# new DCMT toolholders



## PeterT (Jun 2, 2018)

Found these on AliExpress. I use this particular insert in other conventional tool holders but haven't seen these particular insert orientation. I know it will come in handy. For 10-12$ free shipping its pretty hard to go wrong & quality is quite decent. It might be sold by other Ali vendors, but this is the one I bought from.


----------



## Colten Edwards (Jul 26, 2018)

just have to make sure you purchase the correct inserts to fit. there are 3 differant sizes of DCMT inserts from what I can tell.


----------



## PeterT (Jul 26, 2018)

If you mean these particular tool holders, the inserts are identical. Just different orientations.
But yes different sizes of diamond inserts exist.


----------



## Colten Edwards (Jul 27, 2018)

how I know about the differant sizes of inserts, I have a set that is much too large for the holders I have. I'd have to go check numbers, but pretty well double in size. On a pleasant note, they came within two weeks. Now if I could just get the rest of my crap from aliexpress as quickly, I'd be happy


----------



## PeterT (Jul 27, 2018)

There are some online resources like this that help decipher the insert size as well as other important featurest; angles, chip breaker styles, coating. nose radii.. etc.
http://www.carbidedepot.com/formulas-insert-d.htm#shape

Many hardcopy tooling catalogs have similar reference matrix breakdowns. It can get a bit confusing because some manufacturers have variants of these designations, so sometimes you have to go on their websites & look for 'cross reference'. Then to complicate matters, particularly buying offshore, is there are other standards that may be 100% equivalent to these but use a different ISO? numbering system. And they may offer inserts which are not as popular in N-Am, but not necessarily a bad thing if the tool holders are reasonable. 
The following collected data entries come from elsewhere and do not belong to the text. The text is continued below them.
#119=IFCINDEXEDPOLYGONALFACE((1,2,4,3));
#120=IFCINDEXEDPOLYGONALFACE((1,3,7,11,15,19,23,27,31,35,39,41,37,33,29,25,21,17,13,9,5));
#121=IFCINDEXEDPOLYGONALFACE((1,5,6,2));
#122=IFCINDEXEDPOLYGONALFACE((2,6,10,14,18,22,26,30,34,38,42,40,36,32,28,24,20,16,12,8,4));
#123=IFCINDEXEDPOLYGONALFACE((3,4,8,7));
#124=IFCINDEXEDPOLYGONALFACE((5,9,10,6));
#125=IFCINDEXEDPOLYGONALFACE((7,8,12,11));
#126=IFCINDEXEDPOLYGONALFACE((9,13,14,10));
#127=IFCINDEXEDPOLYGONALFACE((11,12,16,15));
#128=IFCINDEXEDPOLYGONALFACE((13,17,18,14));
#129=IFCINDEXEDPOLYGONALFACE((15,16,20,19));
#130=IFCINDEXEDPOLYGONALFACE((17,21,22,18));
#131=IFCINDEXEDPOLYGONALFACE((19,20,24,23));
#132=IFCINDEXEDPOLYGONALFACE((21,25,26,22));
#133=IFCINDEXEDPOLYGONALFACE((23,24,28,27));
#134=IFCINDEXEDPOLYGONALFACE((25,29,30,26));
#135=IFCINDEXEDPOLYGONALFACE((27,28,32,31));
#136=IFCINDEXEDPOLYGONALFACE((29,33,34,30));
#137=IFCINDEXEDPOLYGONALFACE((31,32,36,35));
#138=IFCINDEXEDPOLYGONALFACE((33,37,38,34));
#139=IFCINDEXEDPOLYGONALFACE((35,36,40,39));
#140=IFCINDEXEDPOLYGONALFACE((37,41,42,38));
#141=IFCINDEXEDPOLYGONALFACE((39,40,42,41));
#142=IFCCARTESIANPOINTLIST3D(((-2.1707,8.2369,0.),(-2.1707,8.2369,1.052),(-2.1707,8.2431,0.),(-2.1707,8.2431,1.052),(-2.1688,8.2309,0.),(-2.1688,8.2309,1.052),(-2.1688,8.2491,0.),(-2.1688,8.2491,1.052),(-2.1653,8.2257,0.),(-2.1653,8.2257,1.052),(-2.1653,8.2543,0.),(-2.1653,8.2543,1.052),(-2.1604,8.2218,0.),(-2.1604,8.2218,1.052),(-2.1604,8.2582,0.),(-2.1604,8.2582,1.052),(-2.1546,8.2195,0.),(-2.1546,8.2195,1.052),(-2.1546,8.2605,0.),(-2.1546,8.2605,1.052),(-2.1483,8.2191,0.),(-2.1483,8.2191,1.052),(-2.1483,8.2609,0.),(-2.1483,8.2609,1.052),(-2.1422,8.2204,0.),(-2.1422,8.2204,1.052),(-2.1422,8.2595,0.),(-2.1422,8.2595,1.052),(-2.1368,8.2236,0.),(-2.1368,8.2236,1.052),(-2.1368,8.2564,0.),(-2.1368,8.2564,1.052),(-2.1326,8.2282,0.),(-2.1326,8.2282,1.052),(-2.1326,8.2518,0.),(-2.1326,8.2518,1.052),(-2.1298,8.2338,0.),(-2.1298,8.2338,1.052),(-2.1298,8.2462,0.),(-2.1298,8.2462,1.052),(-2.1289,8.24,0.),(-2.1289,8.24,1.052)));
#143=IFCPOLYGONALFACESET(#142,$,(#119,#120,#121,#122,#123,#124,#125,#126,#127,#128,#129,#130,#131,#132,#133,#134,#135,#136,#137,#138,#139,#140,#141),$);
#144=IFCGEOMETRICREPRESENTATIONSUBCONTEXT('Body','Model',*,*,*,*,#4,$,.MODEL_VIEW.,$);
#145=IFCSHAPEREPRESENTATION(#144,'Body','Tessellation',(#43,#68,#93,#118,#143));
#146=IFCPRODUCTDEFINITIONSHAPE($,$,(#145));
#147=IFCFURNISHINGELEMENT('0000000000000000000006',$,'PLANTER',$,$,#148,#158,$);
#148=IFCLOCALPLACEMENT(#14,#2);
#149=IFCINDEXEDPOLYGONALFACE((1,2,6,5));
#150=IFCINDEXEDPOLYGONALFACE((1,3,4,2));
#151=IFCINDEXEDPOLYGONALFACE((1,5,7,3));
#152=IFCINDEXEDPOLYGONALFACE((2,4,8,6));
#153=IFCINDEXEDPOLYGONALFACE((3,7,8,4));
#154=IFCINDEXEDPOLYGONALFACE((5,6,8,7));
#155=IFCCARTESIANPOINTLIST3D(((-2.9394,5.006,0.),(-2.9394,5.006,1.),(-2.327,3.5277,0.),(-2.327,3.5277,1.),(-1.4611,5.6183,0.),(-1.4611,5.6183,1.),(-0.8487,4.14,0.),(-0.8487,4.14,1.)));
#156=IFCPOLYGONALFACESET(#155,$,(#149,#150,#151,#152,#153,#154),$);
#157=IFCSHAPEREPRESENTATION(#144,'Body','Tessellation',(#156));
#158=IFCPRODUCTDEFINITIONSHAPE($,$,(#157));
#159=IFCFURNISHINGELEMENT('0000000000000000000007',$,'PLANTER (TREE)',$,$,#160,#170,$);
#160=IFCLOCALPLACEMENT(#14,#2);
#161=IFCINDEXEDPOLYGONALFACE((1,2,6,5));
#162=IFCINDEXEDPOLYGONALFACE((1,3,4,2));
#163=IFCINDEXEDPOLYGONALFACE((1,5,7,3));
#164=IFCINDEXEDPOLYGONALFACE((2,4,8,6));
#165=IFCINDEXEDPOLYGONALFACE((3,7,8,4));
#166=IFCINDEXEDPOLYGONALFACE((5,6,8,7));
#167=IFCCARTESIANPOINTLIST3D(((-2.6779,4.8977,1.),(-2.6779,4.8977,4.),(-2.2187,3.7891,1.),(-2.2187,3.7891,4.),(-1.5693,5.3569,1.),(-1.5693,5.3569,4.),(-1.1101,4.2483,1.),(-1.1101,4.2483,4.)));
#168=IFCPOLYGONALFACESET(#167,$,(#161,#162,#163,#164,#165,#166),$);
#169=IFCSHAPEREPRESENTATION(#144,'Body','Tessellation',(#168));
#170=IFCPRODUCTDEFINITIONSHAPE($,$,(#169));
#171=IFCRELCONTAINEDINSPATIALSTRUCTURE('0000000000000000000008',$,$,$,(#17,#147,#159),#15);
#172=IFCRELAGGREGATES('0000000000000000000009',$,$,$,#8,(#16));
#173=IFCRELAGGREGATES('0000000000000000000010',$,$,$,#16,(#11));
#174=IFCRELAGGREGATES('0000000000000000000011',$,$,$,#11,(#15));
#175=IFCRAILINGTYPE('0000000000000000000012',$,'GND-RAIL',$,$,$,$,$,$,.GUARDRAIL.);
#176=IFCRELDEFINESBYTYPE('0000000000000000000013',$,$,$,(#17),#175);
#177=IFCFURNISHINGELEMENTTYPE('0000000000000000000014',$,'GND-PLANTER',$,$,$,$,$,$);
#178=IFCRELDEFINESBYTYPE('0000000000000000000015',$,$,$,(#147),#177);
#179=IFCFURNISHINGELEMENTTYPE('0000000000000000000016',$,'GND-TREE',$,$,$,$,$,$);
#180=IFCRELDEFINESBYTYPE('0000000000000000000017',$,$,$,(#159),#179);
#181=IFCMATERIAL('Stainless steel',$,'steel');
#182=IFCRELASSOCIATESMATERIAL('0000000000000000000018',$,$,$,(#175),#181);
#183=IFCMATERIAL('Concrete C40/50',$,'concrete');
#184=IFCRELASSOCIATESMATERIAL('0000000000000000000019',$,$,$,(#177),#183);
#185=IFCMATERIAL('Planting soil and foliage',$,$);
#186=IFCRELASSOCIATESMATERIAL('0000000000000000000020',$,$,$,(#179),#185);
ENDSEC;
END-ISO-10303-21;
If you need specific help, let us know, maybe we can help. Generally (for my hobby purposes) I have found its well worth the effort to buy offshore because they can be very expensive domestically.


----------



## buckbrush (Sep 30, 2018)

Bangood has a lot of carbide inserts and holders for cheap, as well as Ebay.  You want positive rake inserts for hobby type machines.


----------



## buckbrush (Dec 14, 2018)

dcmt is positive rake. Your holders will also take dcgt inserts which are ground razor sharp.


----------



## PeterT (Dec 14, 2018)

buckbrush said:


> dcmt is positive rake. Your holders will also take dcgt inserts which are ground razor sharp.
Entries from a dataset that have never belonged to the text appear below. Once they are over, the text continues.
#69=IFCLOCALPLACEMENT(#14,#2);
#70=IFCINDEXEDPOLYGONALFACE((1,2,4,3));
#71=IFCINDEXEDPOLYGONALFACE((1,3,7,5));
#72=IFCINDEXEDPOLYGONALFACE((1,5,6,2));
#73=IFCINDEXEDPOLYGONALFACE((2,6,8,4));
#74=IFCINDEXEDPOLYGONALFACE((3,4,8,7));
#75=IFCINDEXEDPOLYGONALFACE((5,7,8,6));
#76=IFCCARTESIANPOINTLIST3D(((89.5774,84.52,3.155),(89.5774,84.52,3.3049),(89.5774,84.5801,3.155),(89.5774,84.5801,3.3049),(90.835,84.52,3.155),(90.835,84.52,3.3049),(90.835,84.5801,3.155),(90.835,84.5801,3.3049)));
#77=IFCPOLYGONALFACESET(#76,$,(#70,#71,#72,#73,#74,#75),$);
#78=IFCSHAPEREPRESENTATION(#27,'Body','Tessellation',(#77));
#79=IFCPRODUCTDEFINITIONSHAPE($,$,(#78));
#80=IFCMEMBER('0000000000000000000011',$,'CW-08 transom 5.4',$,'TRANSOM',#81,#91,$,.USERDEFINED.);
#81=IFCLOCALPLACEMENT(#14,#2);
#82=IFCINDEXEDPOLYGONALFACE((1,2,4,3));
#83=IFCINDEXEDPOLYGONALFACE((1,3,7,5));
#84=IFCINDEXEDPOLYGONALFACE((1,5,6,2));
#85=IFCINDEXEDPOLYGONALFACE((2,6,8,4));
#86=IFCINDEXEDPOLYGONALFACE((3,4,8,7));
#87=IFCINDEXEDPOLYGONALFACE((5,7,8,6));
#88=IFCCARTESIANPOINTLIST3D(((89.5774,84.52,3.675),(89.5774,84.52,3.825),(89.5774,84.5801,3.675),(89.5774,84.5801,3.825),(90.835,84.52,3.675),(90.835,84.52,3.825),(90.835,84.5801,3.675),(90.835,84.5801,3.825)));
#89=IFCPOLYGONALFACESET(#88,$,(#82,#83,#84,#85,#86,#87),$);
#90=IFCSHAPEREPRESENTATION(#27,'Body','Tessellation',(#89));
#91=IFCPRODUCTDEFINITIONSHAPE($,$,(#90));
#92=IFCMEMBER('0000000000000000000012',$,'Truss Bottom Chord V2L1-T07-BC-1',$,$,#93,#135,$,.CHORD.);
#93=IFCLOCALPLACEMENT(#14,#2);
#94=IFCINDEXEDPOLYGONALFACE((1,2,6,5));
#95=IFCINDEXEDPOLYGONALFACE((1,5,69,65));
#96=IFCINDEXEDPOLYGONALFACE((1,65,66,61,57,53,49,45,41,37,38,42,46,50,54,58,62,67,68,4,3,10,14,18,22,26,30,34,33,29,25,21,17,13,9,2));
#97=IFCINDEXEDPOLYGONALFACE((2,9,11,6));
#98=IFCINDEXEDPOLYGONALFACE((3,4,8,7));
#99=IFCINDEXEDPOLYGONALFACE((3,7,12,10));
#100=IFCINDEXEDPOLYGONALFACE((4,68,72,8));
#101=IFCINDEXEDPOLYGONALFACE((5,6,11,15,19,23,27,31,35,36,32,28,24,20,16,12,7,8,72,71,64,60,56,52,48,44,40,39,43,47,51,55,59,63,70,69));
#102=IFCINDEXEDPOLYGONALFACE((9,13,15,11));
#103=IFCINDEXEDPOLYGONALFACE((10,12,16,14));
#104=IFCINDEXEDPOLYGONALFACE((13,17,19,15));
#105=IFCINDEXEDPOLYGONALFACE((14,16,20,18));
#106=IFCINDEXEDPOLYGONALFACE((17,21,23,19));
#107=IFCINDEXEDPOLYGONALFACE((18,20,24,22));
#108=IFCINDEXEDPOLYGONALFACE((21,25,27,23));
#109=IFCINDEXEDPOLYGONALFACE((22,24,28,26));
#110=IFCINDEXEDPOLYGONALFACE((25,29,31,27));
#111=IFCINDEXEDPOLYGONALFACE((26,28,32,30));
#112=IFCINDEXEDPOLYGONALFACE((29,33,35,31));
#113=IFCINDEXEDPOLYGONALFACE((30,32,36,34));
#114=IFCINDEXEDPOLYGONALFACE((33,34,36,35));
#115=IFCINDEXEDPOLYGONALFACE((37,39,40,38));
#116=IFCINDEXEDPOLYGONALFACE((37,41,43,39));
I don't think that's necessarily true. I see positive, neutral & negative DCMT. One rake might be more prevalent than the other... Interestingly I don't see rake in the designation, but catalogs & vendors have weird coding & specifications sometimes.
http://www.carbidedepot.com/formulas-insert-d.htm#shape

different rakes
https://www.amazon.com/Kyocera-Uncoated-Positive-Continuous-Finishing-Medium/dp/B07B4JWKHS
https://www.zoro.com/sandvik-coromant-turning-insert-dcmt-3252-um-1125-dcmt-3252-um-1125/i/G7073437/
https://www.kodiakcuttingtools.com/...nd-negative-rake-carbide-inserts-for-turning/


----------



## buckbrush (Dec 15, 2018)

the c in dcmt denotes a positive rake, 7 degree's.
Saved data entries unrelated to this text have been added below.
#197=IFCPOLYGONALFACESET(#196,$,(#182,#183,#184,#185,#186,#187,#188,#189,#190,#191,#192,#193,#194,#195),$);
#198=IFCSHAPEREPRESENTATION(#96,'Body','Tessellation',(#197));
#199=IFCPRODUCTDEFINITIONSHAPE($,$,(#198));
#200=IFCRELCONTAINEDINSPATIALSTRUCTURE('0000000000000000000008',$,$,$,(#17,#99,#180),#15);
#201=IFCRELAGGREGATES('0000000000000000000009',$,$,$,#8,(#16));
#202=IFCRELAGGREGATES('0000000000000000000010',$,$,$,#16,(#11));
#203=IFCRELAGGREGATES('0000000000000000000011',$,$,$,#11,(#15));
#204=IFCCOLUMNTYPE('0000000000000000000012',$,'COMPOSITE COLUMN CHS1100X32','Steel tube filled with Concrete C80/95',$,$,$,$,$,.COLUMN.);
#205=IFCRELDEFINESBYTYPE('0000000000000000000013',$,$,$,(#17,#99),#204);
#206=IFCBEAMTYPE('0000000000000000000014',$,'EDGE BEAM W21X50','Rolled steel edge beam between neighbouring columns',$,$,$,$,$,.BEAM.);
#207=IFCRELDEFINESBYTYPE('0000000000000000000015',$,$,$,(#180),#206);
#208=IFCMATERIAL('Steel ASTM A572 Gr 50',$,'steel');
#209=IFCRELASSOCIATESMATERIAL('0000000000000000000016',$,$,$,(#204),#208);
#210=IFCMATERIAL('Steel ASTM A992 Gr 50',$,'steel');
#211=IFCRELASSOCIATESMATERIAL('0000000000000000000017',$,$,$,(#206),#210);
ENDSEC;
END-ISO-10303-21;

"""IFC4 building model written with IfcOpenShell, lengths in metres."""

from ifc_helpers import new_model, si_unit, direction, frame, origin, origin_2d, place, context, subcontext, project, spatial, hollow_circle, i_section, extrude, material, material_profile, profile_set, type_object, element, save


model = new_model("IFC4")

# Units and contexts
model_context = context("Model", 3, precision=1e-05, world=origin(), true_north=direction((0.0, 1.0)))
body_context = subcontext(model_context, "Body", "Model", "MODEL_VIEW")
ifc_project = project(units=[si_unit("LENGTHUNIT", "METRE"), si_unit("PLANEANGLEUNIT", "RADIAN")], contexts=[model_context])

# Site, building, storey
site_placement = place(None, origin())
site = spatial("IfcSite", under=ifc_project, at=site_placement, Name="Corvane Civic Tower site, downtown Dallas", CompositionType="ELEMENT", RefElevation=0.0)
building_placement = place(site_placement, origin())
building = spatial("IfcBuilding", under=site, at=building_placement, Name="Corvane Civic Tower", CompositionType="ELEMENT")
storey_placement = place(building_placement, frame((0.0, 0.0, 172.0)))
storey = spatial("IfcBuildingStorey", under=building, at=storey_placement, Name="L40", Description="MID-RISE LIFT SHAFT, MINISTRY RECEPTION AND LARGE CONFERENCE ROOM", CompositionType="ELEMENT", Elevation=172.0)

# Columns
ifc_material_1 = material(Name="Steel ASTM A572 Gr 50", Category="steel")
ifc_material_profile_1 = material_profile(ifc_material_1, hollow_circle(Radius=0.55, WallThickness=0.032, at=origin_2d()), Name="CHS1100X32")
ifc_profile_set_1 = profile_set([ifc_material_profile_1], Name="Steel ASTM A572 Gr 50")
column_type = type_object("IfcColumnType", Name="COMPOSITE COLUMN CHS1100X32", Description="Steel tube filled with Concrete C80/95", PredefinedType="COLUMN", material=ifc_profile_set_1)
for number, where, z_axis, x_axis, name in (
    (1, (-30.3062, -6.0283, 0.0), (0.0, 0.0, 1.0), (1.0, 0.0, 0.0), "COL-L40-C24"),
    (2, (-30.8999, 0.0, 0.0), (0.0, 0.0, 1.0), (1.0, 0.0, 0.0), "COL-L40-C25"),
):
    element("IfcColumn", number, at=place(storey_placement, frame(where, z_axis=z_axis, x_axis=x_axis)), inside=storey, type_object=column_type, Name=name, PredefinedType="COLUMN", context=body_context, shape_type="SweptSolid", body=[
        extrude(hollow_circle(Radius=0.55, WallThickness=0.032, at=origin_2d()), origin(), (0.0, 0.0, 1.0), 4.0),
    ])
http://www.carbidedepot.com/formulas-insert-d.htm


----------



## PeterT (Dec 15, 2018)

See this is where I get confused. The 2nd digit in that link shows a diagram of what they call 'clearance or relief angle' & corresponds to what  is usually called 'end relief' in typical HSS cutter terminology. We are after corresponding 'rake angle' which is the top side geometry & what the material sees. That's where I assumed the positive, neutral, negative comes from. But I think that is defined by the pocket plane - a neutral pocket plus a neutral insert = neutral or 90-deg to work. A positive pocket + neutral insert = positive rake. My pockets look to be in same plane as shanks. Now whether there is something funky going on right at the very edge of insert I cant say. Will have to delve into this further. Int milling cutters its very common to see exaggerated angled pockets.


----------



## buckbrush (Dec 15, 2018)

now you have me confused!


----------



## Dabbler (Dec 15, 2018)

So Peter for a given insert, it can either be a positive rake or neutral.  Negative rake tools usually have  N for clearance angle,  but I have even seen a few positive rake tools that have no clearance angle.

Just check the actual insert before buying quantity, and you will be fine.


----------



## Janger (Dec 25, 2018)

Merry Christmas Everyone. I was chatting with Dabbler and he suggested posting on the turning tools I was showing him. In the picture you can see the chuck backing plate spacer I am in the middle of making. It's a 4140 4" diameter ring. I turned the part on the lathe with DCMT tools. The ones in the picture. Finishing cut details: Speed was as fast as I could make the lathe go, 2000rpm, with a DOC of about 0.5mm (0.020"), power feed as slow as the lathe would go 0.0009" per rev. The higher turning speed helped a lot. 1400 RPM was also pretty good but better at 2000 RPM.

The tools are from China nicecutt.com and they sell on aliexpress and direct. The tools were about $10USD each and the inserts are $2.5USD also from them. Plus shipping. The tools are 16mm or 5/8" thick and use DCMT0702 and DCMT11xx something inserts. Model SDJCR1616H07. 


. I used the smaller one for the finish pass and was roughing with larger tool. They performed similarly. They have an extensive catalog. I've also bought indexable end mills and face mills from them. They are good too and inexpensive.


----------



## YYCHM (Dec 25, 2018)

What machine are you doing this milling on?


----------



## Janger (Dec 25, 2018)

Lots on my mill in this thread. I bought it from Alex. I think it's pretty big, Alex think's it's a mini.  It's a First brand (House of tools) horizontal vertical mill converted to CNC. 
https://canadianhobbymetalworkers.com/threads/converting-mini-mill-to-cnc.204/


----------



## PeterT (Dec 25, 2018)

Really nice finish on the 4140, congrats. 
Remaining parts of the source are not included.